Physical coins are slightly unfair too
Here’s a genuinely surprising fact: a real, physical coin toss isn’t perfectly 50/50 either, and the effect is well-studied, not folklore. Research led by Persi Diaconis (building on earlier physics-of-tossing work with Susan Holmes and Richard Montgomery) predicted that a hand-flipped coin has a small “dynamical bias” — it’s slightly more likely to land on the same face it started on, due to precession during the toss rather than weight imbalance. A large-scale empirical follow-up, hundreds of thousands of tosses across many people and coins, found a same-side bias near 51%, close to the original prediction.
Two caveats: the effect is small, about 1 percentage point above chance, undetectable without many careful, tracked tosses; and it depends on the starting position being tracked and not re-randomized, which casual flips rarely do. It’s real, but not a reason to distrust an ordinary flip day to day — if anything it argues for software, where a well-built digital flip has no analogous mechanical bias to correct for.
How seeds make flips verifiable after the fact
One thing a physical coin can’t easily give you: proof, after the fact, that the outcome wasn’t tampered with, without a trusted witness watching. A seeded digital flip can, via a commit-reveal protocol: publish a hash of the seed before the flip, flip using that seed, then reveal the seed afterward. Anyone can recompute the flip and confirm it matches the announced outcome — and since the seed was committed before the result was known, there’s no way to have quietly swapped in a more favorable one. This is the same idea behind “provably fair” schemes on some online gaming platforms.
When not to trust any coin flip
For genuinely high-stakes decisions — real money, legal or contractual outcomes, anything where one side has an incentive to influence the result — don’t rely on an unverified flip of any kind, physical or digital. A flip performed by a party with a stake in the outcome, with no commitment scheme and no witness, is trivially manipulable regardless of how fair the underlying mechanism is: the failure mode isn’t the coin, it’s the missing trust boundary around who controls it. Use a formal commit-reveal protocol, an audited random source, or a neutral third party instead.
FAQ
Why did I just get 4 heads in a row — is the flipper broken? No. The probability of 4 heads in a row under a fair coin is 1/16 (about 6.25%), which will happen fairly often across many flips. Streaks are an expected feature of independent random events, not evidence of bias.
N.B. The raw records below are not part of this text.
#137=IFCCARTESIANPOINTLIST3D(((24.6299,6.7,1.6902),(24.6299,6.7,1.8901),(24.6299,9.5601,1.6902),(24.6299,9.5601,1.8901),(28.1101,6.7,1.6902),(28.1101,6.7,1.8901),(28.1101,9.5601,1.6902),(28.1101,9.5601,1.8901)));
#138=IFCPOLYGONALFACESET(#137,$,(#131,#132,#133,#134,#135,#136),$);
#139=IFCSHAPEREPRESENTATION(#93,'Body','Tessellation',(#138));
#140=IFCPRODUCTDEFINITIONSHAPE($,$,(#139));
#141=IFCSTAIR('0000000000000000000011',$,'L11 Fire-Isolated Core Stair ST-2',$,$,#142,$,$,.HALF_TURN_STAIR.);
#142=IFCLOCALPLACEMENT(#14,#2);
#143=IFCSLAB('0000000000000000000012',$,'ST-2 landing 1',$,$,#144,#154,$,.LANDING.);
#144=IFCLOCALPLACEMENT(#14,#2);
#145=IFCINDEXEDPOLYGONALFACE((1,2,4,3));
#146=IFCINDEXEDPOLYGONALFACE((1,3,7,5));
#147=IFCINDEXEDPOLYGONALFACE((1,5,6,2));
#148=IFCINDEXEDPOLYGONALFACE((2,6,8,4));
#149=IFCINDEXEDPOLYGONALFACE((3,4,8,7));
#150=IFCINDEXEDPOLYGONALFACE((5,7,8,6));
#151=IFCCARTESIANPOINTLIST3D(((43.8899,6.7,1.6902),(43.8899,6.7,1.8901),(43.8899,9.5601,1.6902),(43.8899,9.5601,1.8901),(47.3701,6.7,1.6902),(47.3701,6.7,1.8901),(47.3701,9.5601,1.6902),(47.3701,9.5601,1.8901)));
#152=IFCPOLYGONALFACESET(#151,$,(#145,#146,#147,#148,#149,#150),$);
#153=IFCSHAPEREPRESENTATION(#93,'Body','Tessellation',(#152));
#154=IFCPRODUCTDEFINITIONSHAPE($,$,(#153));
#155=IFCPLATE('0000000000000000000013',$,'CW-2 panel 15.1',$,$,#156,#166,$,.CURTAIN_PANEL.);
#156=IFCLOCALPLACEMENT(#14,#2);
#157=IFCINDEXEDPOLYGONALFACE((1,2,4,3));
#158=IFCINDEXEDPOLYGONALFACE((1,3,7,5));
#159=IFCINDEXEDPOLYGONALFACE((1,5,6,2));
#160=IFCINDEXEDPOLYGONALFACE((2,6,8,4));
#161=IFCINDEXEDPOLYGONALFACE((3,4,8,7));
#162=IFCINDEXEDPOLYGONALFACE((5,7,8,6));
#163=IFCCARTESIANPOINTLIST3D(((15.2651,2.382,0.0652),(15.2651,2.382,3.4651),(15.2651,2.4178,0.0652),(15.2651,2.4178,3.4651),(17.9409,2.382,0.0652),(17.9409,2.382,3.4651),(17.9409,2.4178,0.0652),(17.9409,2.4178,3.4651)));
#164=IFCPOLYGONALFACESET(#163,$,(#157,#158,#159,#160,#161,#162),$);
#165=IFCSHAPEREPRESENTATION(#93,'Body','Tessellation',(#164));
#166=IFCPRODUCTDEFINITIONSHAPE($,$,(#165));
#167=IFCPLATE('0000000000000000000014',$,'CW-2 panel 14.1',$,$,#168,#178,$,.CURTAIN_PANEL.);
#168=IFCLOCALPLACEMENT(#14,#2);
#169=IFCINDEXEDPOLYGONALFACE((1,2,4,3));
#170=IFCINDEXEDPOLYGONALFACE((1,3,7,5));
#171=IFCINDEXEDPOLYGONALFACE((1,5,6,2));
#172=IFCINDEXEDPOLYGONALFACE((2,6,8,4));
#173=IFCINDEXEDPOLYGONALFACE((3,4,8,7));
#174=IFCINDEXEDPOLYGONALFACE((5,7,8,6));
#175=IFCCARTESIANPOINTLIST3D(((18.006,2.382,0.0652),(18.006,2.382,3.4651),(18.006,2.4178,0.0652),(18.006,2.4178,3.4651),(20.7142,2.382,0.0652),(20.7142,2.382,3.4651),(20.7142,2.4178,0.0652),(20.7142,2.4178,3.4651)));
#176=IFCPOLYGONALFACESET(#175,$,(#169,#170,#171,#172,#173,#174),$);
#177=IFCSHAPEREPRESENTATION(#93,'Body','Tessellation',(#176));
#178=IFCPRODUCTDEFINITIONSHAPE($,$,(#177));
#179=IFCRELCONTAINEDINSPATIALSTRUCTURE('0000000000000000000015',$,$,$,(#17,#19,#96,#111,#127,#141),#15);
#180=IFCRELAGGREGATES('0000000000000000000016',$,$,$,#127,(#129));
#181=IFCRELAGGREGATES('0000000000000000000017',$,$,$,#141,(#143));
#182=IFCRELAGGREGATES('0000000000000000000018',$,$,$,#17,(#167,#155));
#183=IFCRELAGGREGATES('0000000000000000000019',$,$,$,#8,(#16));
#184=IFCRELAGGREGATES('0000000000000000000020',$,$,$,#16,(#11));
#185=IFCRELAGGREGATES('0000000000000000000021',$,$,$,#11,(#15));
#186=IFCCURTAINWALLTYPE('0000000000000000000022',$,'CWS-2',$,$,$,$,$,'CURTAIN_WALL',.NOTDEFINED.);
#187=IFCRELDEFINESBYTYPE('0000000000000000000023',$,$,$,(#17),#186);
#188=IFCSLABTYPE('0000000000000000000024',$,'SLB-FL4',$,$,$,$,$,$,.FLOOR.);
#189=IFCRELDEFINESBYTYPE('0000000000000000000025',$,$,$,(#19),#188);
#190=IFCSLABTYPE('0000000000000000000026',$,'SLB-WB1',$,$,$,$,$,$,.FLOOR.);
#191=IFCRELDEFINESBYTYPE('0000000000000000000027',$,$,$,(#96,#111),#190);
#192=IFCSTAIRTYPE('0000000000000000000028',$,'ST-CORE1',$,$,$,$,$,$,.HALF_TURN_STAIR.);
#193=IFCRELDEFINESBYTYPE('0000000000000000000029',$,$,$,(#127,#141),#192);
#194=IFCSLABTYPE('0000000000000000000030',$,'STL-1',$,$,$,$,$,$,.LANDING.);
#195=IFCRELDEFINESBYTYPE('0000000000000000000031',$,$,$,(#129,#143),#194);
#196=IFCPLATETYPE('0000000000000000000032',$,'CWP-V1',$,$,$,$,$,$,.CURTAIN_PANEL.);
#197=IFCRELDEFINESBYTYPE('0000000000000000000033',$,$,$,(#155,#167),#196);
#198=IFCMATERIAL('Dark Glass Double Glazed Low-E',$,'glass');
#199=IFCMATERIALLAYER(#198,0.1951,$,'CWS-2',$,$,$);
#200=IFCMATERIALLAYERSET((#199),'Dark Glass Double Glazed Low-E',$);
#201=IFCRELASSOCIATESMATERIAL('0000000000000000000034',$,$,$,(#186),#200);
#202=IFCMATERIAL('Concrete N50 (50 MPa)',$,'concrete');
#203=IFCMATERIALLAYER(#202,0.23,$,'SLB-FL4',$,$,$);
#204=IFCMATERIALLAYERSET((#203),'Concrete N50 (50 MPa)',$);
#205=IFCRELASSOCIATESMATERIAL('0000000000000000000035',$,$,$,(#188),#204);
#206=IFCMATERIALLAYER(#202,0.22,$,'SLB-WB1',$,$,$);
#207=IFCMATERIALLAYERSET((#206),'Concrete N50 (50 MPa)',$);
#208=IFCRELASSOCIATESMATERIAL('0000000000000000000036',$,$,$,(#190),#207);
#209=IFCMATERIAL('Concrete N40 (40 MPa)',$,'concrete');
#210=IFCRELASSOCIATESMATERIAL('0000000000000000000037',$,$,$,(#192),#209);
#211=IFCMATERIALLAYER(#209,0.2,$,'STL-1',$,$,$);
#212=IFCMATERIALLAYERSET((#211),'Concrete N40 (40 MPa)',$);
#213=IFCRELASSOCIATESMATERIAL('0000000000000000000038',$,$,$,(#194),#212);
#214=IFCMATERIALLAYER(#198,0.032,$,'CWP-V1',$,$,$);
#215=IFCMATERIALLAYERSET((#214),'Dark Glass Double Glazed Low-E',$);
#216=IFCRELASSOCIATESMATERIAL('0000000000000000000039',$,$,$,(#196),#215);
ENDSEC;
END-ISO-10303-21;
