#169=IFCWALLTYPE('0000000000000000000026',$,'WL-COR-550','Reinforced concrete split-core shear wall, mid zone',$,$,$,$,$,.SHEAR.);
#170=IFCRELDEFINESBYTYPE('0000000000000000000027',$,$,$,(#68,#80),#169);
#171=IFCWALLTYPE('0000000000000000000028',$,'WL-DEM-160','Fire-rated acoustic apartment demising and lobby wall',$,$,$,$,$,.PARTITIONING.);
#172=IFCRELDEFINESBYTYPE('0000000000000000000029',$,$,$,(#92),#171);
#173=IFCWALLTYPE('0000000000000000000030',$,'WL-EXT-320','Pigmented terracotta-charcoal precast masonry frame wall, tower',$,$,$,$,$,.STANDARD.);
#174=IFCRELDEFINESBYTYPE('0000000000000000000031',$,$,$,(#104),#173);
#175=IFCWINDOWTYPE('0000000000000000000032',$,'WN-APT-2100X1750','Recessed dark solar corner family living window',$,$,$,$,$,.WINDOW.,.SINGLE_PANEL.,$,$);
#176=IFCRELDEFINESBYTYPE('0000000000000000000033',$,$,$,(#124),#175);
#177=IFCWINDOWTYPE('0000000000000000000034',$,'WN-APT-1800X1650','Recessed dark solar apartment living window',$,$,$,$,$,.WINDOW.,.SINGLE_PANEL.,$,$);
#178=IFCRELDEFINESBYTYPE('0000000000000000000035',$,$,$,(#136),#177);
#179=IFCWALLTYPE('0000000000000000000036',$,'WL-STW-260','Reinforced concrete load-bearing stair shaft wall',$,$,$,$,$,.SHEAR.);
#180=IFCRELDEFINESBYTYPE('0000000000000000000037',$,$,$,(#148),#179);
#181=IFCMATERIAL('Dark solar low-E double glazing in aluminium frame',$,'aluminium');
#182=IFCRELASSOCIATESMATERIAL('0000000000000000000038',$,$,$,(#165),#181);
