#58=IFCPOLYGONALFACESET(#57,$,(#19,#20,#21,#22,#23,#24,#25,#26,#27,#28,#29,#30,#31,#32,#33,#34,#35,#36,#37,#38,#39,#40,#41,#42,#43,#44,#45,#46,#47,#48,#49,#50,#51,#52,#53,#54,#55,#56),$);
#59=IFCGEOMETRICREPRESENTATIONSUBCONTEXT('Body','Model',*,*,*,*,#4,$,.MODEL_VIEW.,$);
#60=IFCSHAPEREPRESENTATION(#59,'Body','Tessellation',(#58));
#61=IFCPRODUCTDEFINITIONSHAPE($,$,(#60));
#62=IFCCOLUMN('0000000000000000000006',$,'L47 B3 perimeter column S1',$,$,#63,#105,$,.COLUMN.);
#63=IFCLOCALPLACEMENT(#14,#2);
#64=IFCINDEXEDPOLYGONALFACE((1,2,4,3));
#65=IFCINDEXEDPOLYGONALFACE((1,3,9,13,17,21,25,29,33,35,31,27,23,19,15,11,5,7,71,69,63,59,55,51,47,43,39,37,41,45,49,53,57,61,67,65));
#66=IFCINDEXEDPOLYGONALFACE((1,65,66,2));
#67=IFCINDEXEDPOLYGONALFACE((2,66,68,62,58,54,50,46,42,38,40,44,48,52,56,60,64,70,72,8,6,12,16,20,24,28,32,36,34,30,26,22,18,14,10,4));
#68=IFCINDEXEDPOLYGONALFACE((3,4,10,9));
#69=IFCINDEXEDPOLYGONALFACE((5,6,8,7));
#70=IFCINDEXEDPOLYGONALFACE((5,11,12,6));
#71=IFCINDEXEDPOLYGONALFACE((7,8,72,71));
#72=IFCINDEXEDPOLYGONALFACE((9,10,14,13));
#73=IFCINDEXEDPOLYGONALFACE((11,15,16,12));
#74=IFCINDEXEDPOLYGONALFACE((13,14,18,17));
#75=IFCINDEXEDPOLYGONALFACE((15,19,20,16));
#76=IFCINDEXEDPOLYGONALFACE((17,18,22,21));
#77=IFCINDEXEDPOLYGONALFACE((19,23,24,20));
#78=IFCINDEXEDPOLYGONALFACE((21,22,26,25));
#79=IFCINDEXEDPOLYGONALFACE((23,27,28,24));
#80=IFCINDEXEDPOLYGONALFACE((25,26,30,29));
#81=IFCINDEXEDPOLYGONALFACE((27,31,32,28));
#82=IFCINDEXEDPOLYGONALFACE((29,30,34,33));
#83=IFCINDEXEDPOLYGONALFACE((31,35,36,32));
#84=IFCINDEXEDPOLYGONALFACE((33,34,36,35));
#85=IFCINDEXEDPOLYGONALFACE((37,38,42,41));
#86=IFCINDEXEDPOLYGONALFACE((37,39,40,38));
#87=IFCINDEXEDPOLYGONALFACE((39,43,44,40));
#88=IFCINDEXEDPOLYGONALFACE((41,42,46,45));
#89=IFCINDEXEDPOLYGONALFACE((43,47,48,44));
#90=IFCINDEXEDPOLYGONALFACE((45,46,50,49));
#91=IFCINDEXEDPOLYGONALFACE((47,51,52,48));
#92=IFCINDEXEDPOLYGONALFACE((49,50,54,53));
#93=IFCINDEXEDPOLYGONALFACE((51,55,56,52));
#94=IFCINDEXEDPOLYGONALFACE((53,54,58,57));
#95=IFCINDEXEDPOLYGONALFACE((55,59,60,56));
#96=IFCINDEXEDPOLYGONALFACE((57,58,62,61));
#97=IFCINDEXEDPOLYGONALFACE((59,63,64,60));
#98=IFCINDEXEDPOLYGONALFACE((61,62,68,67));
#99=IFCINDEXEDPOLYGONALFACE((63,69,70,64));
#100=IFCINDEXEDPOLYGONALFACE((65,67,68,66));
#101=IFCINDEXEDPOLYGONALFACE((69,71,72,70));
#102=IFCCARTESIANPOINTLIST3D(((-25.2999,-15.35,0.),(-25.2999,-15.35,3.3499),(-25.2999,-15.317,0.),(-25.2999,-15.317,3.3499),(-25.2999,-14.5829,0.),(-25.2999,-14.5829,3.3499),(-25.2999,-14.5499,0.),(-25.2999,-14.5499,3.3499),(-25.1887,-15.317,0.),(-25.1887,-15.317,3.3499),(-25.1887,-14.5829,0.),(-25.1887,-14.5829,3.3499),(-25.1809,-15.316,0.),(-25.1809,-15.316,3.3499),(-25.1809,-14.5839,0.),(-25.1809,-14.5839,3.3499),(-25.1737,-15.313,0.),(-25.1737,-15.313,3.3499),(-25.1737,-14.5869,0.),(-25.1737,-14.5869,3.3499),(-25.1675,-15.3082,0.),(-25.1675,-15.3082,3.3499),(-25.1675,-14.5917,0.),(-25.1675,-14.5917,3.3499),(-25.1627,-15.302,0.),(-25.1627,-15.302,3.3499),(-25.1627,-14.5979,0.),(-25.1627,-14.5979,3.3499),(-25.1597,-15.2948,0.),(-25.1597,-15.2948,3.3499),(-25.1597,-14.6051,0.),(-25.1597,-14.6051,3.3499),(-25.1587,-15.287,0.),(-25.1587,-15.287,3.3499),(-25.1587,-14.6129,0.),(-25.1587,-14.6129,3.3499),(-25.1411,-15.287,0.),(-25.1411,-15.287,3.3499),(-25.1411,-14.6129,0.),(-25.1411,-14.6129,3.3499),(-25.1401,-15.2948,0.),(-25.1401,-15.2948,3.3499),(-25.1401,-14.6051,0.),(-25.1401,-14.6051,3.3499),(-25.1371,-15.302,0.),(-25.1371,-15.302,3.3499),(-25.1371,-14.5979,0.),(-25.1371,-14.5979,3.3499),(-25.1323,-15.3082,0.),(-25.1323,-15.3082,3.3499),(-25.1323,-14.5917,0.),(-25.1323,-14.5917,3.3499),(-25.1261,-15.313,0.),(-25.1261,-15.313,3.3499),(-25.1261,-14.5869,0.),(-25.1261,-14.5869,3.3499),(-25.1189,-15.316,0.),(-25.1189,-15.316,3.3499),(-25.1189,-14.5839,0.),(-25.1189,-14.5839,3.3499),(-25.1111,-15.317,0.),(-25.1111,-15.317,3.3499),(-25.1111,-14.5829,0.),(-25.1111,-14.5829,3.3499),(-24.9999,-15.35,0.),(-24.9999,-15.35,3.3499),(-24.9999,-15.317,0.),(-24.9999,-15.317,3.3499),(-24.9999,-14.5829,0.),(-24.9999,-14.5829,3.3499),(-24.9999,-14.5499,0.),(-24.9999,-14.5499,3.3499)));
How many flips do I need before I can trust the split looks fair? No hard cutoff, but a few hundred flips will show a proportion within a couple of points of 50%, and a few thousand tighten that further. Ten or twenty flips tell you almost nothing about long-run fairness.
Is a seeded coin flip less random than an unseeded one? Not statistically — both produce a genuine 50/50 distribution over many trials. A seeded flip is reproducible if you know the seed, useful for verification, and irrelevant to fairness as long as the seed was chosen fairly and not adjusted after seeing an unfavorable result.
Does the 51% same-side physical bias mean real coins are “rigged”? No — it’s a small, consistent effect from the mechanics of tossing and catching a coin, not manipulation, and it only shows up across large numbers of tracked tosses. For any single flip it’s not something you’d notice or need to worry about.